The price he pays to make himself a receiver of rent is regulated by the rate of interest in general and has nothing to do with with actual nature of rent. The interest on capital invested in land is in general lower lower than the interest on capital invested in manufacture or commerce. Thus, for those who make no distinction between the interest that the land represents to the owner and the rent itself, the interest on land capital diminishes still more than does the interest on other capital. But it is not a question of the purchase or sale price of rent, of the marketable value of rent, of capitalized rent, it is a question of rent itself.

Farm rent can imply again, apart from rent proper, the interest on the capital incorporated in the land. In this instance the landlord receives this part of the farm rent, not as a landlord but as a capitalist;but this is not the rent proper that we are to deal with.

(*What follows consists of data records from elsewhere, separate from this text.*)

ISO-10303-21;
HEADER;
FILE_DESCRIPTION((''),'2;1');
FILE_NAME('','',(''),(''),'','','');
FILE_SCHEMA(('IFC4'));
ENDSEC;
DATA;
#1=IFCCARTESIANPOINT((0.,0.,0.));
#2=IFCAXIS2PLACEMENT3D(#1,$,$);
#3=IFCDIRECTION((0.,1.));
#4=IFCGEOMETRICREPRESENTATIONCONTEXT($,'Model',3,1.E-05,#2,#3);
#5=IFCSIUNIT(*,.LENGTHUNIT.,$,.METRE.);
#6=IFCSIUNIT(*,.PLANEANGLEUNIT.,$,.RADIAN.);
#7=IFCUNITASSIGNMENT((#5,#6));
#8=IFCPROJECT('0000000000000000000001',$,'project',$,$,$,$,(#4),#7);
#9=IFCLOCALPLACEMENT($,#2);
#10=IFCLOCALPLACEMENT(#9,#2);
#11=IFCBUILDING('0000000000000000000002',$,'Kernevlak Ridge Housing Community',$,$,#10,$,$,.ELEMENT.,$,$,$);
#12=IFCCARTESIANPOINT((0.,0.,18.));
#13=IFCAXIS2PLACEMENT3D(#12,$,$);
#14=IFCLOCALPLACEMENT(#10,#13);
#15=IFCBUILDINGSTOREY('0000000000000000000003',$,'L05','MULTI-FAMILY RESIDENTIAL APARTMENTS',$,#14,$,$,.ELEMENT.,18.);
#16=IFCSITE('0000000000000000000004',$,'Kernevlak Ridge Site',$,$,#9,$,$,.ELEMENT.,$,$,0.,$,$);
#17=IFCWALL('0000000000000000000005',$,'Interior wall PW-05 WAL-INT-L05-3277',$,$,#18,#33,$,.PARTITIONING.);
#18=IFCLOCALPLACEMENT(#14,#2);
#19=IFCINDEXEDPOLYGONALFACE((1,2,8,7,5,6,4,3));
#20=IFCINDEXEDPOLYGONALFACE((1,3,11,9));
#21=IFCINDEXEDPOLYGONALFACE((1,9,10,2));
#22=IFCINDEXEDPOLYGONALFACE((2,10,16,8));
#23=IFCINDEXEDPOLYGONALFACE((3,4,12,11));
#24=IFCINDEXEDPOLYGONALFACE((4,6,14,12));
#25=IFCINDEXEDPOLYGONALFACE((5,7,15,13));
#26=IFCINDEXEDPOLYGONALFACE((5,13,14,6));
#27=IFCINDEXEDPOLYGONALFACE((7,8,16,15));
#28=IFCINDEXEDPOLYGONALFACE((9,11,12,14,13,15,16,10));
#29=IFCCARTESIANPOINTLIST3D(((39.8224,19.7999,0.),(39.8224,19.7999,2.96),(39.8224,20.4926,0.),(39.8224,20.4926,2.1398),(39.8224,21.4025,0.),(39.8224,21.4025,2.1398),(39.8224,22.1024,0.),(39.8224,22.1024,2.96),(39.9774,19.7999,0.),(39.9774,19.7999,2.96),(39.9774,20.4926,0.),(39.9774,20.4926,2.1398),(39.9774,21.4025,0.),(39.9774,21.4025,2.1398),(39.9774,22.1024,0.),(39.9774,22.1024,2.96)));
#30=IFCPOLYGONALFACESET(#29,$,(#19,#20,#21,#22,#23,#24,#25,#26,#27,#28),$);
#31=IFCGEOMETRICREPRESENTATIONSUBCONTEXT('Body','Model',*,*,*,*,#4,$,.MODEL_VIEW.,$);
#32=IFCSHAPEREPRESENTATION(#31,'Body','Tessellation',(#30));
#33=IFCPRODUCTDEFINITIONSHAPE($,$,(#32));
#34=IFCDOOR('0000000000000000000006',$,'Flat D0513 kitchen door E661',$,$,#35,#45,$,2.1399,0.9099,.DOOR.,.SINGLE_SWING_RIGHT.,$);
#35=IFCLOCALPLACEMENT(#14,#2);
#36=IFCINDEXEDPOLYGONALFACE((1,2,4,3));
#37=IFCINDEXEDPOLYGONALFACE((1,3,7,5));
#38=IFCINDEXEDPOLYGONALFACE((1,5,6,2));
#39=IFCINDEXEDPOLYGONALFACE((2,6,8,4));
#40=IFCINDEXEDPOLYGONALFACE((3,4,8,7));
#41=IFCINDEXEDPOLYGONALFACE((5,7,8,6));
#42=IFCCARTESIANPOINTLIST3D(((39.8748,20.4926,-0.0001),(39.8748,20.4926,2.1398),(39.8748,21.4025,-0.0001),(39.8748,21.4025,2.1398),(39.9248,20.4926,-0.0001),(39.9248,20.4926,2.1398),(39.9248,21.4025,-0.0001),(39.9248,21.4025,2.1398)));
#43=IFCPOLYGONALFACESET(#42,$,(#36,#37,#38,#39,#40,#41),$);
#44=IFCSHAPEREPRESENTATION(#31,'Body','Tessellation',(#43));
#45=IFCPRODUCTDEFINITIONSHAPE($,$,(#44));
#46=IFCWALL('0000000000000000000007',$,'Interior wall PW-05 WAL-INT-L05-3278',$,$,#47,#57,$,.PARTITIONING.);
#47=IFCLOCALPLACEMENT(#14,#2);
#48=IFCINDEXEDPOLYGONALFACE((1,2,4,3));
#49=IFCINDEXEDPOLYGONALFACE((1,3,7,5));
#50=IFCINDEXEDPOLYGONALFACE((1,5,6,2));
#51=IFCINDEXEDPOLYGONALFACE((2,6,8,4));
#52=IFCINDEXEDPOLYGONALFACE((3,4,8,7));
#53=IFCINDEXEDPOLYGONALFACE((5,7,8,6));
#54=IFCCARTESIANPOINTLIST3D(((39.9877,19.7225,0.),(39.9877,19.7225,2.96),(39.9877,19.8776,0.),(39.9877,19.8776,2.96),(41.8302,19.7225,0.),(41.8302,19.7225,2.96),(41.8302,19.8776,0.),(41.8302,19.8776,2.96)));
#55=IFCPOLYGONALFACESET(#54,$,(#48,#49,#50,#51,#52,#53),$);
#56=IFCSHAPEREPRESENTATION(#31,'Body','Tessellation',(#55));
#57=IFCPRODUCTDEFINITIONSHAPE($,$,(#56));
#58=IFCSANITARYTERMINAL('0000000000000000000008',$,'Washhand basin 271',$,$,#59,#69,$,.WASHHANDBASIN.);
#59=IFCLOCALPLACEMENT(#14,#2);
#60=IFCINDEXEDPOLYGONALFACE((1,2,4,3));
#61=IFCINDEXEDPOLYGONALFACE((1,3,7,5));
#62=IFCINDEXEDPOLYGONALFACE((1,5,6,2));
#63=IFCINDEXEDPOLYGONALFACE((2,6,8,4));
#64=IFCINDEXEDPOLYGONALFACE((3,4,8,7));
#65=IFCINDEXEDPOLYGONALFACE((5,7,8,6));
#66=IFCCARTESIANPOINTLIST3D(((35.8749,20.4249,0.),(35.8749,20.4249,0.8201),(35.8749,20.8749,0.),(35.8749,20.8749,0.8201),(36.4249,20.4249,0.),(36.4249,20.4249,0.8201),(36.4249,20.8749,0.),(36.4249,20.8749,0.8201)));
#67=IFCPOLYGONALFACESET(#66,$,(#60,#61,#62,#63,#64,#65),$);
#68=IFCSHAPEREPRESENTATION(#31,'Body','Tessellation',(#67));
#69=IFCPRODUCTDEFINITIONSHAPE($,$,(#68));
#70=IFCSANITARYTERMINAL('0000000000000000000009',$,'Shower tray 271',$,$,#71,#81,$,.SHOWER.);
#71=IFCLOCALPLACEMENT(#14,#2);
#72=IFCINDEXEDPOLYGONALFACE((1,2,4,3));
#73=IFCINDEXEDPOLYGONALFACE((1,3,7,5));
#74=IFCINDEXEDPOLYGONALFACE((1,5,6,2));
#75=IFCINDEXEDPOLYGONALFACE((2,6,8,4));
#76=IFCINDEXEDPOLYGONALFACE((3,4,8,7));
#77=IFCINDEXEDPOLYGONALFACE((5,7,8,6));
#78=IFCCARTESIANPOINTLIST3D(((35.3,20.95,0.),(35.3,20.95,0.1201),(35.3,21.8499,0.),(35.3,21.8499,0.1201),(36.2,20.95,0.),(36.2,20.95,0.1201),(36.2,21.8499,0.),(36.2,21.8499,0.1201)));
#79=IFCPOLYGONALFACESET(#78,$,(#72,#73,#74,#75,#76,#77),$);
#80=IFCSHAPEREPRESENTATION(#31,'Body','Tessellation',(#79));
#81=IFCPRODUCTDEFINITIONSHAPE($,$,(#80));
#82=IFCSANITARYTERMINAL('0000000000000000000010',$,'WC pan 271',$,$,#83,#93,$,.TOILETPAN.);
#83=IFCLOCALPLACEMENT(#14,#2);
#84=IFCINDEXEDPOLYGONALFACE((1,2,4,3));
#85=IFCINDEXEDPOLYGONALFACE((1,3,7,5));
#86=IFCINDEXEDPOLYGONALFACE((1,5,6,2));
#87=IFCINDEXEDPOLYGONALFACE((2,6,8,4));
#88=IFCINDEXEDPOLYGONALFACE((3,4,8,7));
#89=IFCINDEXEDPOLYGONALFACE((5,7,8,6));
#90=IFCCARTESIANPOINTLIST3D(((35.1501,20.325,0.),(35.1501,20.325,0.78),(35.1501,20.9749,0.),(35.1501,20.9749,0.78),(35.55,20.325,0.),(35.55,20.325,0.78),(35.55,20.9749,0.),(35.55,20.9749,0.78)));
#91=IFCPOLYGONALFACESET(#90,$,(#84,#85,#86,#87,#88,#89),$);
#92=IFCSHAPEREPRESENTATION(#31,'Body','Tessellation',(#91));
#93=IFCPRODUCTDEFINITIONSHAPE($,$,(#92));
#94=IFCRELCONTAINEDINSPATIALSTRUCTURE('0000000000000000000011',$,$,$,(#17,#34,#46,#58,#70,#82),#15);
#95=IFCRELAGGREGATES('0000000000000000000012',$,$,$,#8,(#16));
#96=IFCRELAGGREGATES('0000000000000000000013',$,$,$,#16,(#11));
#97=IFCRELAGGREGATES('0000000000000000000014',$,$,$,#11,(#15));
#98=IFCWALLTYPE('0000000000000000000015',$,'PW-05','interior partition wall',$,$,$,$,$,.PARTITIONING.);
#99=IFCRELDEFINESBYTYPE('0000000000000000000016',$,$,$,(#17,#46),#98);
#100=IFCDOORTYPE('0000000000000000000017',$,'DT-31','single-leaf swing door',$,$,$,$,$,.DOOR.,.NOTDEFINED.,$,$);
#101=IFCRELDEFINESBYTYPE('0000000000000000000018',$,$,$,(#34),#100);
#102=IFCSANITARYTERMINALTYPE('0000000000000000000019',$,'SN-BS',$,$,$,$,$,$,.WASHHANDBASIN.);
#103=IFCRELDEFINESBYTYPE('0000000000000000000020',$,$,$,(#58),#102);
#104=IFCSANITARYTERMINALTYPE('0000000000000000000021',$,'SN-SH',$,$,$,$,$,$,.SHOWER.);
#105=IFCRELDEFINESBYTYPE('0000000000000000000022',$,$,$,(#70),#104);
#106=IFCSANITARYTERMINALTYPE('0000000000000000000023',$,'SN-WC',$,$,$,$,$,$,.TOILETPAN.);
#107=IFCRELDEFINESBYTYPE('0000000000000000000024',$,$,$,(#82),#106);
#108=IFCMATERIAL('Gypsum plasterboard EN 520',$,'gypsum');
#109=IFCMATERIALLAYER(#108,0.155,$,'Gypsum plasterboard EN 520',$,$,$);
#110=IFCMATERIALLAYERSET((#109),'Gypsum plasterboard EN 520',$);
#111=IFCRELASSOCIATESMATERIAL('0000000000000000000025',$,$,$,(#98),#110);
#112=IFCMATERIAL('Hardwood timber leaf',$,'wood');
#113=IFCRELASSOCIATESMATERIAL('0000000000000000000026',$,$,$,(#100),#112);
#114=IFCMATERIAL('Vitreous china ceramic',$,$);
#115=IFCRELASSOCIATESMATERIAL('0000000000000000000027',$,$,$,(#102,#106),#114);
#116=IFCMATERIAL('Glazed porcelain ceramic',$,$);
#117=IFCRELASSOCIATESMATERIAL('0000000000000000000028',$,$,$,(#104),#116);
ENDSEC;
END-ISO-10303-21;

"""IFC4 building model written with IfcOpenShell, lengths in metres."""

from ifc_helpers import new_model, si_unit, direction, frame, frame_2d, origin, origin_2d, place, context, subcontext, project, spatial, rectangle, extrude, material, layer, layer_set, type_object, element, fill, save


model = new_model("IFC4")

# Units and contexts
model_context = context("Model", 3, precision=1e-05, world=origin(), true_north=direction((0.0, 1.0)))
body_context = subcontext(model_context, "Body", "Model", "MODEL_VIEW")
ifc_project = project(units=[si_unit("LENGTHUNIT", "METRE"), si_unit("PLANEANGLEUNIT", "RADIAN")], contexts=[model_context])

# Site, building, storey
site_placement = place(None, origin())
site = spatial("IfcSite", under=ifc_project, at=site_placement, Name="Kernevlak Ridge Site", CompositionType="ELEMENT", RefElevation=0.0)
building_placement = place(site_placement, origin())
building = spatial("IfcBuilding", under=site, at=building_placement, Name="Kernevlak Ridge Housing Community", CompositionType="ELEMENT")
storey_placement = place(building_placement, frame((0.0, 0.0, 18.0)))
storey = spatial("IfcBuildingStorey", under=building, at=storey_placement, Name="L05", Description="MULTI-FAMILY RESIDENTIAL APARTMENTS", CompositionType="ELEMENT", Elevation=18.0)

# Shared definitions
ifc_material_1 = material(Name="Hardwood timber leaf", Category="wood")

Land, so long as it is not exploited as a means of production, is not capital. Land as capital can be increased just as much as all the other instruments of production. Nothing is added to its matter, to use M. Proudhon's language, but the lands which serve as instruments of production are multiplied. The very fact of applying further outlays of capital to land already transformed into means of production increases land as capital without adding anything to land as matter -- that is, to the extent of the land. M. Proudhon's land as matter is the Earth in its limitation.

As for the eternity he attributes to land, we grant readily it has this virtue as matter. Land as capital is no more eternal than any other capital.

Gold and silver, which yield interest, are just as lasting and eternal as land. If the price of gold and silver falls, while that of land keeps rising, this is certainly not because of its more or less eternal nature.

Land as capital is fixed capital; but fixed capital gets used up just as much as circulating capital. Improvements to the land need production and upkeep; they last only for a time; and this they have in common with all other improvements used to transform matter into means of production.

If land as capital were eternal, some lands would present a very different appearance from what they do today, and we should see the Roman Campagna, Sicily, Palestine, in all the splendour of their former prosperity.

There are even instances when land as capital might disappear, even though the improvements remain incorporated in the land.

In the first place, this occurs every time rent proper is wiped out by the competition of new and more fertile soils; secondly, the improvements which might have been valuable at one time cease to be of value the moment they become universal owing to the development of agronomy.

The representative of land as capital is not the landlord, but the farmer. The proceeds yielded by land as capital are interest and industrial profit, not rent. There are lands which yield such interest and profit but still yield no rent.

Briefly, land in so far as it yields interest, is land capital, and as land capital it yields no rent, it is not landed property. Rent results from the social relations in which the exploitation of the land takes place. It cannot be a result of the more or less solid, more or less durable nature of the soil. Rent is a product of society and not of the soil.

According to M. Proudhon, "improvement in the use of the land"-- a consequence "of the perfecting of industry" -- causes the continual rise in rent. On the contrary, this improvement causes its periodic fall.

Wherein consists, in general, any improvement, whether in agriculture or in manufacture?? In producing more with the same labor; in producing as much, or even more, with less labor. Thanks to these improvements, the farmer is spared from using a greater amount of labor for a relatively smaller product. He has no need, therefore, to resort to inferior soils, and installments of capital applied successively to the same soil remain equally productive.

Thus, these improvements, far from continually raising rent as M. Proudhon says, become on the contrary so many temporary obstacles preventing its rise.

The English landowners of the 17th century were so well aware of this truth, that they opposed the progress of agriculture for fear of seeing their incomes diminish. (See Petty, an English economist of the time of Charles II.)